Primary tuberculosis of the fibular diaphysis: A rare case report.

Int J Surg Case Rep

Trauma and Orthopaedics, Wirral University Teaching Hospital NHS Trust, United Kingdom. Electronic address:

Published: August 2020

Introduction: Primary diaphyseal tuberculosis has very low occurrence. With no systemic signs and specific radiographic features, there exists low index of suspicion, which may delay the diagnosis of tuberculosis.

Presentation Of Case: A female aged 15 years presented with chronic leg pain and swelling for past 7 months. There was no significant history of tuberculosis present. On investigations ESR was 44 mm and positive mantoux test. Chest radiograph was normal. On x-ray (R) fibula intramedullary eccentric lytic lesion and on MRI (R) leg intramedullary lytic lesion was present suggestive of ewing's sarcoma. On histopathology epitheloid granulomas with langhans giant cells were present. Category 1 antitubercular drug regimen was started and lesion healed with alleviations of signs & symptoms.

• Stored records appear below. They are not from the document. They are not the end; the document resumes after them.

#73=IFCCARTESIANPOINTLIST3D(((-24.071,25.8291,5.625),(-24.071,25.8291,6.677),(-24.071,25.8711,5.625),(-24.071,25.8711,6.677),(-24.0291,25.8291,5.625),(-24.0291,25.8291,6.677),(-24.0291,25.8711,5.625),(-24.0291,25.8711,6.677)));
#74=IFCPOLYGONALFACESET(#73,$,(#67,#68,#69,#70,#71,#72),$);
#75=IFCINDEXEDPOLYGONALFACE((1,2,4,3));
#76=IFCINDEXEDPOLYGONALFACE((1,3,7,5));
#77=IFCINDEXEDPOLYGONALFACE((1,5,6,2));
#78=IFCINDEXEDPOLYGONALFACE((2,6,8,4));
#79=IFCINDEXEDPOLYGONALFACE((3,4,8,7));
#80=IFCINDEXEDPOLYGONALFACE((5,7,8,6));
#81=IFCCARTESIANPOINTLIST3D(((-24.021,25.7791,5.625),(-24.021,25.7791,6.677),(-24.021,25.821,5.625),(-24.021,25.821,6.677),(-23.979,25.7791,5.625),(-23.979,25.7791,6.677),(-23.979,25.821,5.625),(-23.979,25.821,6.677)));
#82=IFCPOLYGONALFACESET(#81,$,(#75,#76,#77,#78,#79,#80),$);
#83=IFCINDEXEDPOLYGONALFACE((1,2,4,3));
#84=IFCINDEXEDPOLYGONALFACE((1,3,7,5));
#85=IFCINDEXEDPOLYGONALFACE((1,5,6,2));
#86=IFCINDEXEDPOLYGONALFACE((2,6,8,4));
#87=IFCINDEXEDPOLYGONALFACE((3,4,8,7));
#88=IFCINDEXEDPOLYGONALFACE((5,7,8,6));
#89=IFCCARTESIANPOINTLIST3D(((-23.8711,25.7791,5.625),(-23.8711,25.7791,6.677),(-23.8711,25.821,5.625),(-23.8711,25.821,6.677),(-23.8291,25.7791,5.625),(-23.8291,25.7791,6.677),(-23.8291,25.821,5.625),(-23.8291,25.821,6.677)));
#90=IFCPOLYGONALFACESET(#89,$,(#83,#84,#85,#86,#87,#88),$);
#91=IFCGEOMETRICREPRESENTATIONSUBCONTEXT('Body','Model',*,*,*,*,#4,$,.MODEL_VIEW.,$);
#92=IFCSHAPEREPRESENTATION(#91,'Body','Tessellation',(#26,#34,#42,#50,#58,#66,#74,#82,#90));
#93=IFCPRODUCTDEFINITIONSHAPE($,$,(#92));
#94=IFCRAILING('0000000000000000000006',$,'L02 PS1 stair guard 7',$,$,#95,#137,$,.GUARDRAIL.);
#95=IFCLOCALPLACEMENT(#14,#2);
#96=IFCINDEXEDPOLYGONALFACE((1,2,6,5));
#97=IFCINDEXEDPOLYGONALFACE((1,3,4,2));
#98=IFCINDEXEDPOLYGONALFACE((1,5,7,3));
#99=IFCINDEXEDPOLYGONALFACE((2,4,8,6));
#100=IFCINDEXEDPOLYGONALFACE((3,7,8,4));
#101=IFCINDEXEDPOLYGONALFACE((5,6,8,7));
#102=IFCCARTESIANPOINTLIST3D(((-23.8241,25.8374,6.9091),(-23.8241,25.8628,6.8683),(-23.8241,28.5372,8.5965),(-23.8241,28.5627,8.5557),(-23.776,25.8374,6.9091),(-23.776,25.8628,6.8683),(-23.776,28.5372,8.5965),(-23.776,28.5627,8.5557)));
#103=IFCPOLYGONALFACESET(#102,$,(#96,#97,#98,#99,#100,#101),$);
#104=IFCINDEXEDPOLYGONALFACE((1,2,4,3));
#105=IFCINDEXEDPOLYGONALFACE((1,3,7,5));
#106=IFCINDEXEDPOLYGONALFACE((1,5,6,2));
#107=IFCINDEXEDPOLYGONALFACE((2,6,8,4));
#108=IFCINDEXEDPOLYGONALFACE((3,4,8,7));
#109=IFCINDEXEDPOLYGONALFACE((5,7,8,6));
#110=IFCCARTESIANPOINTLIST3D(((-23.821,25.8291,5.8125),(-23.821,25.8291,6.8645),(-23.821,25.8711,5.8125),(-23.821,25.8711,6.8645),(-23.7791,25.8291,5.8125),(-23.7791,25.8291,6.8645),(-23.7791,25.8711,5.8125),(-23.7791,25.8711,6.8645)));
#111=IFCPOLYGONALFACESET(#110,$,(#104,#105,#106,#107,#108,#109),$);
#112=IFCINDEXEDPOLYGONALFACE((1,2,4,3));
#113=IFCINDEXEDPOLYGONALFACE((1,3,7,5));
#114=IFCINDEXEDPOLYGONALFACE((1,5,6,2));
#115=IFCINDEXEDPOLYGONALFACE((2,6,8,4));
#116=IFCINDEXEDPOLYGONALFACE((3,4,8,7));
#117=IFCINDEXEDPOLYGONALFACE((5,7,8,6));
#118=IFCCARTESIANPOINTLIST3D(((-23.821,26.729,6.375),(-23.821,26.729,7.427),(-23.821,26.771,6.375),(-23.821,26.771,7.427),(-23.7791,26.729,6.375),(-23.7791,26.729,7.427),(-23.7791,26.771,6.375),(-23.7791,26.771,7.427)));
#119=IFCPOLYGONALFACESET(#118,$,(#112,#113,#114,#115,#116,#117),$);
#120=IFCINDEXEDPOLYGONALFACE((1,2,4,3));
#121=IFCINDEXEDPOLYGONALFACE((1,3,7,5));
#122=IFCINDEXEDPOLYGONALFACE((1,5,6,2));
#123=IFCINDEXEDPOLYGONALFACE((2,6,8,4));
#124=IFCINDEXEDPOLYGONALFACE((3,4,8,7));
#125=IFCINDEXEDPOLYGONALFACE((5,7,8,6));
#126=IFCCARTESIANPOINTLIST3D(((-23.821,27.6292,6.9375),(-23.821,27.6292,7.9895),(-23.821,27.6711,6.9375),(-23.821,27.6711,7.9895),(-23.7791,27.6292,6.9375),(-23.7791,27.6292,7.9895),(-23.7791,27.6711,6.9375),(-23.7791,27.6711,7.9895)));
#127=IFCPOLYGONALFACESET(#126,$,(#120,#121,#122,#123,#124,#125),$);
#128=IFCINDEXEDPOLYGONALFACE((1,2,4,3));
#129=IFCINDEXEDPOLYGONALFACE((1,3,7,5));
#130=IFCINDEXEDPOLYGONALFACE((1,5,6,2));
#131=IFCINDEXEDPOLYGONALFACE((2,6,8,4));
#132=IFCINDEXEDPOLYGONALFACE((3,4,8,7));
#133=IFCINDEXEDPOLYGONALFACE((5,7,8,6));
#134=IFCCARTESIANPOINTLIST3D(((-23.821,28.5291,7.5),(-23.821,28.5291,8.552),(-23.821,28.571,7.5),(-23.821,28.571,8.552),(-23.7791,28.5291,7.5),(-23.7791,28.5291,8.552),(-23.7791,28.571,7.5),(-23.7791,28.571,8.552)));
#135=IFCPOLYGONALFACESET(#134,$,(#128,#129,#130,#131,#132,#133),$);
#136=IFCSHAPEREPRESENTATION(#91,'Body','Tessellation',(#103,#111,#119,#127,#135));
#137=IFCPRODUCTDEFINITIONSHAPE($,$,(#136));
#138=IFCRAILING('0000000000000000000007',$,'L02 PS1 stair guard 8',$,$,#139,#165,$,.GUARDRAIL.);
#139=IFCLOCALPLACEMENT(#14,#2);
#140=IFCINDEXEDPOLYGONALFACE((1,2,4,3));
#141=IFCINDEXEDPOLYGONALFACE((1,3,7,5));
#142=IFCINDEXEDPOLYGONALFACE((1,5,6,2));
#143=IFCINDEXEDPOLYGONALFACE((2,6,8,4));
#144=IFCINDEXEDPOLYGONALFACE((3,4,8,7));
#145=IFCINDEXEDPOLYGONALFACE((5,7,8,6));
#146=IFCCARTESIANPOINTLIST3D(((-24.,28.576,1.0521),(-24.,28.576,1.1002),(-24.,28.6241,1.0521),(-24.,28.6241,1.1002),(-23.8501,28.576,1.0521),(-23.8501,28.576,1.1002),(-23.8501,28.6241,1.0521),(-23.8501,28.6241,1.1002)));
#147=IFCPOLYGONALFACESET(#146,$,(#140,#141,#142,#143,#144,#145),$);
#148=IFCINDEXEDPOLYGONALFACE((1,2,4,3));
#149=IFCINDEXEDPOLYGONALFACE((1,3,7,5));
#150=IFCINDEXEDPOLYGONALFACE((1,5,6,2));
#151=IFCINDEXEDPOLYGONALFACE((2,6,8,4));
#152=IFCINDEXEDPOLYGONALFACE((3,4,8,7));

Discussion: Tuberculosis presents with typical signs and symptoms in adults compared with children in whom cystic tubercular lesions in shaft of long bones presents mostly as a single solitary intramedullary lytic lesion on MRI, which corresponds with other more common differentials. This clinical and radiological heterogeneity warrants lesional biopsy and culture to determine the right diagnosis to aid in early starting of correct treatment and recovery of the patient.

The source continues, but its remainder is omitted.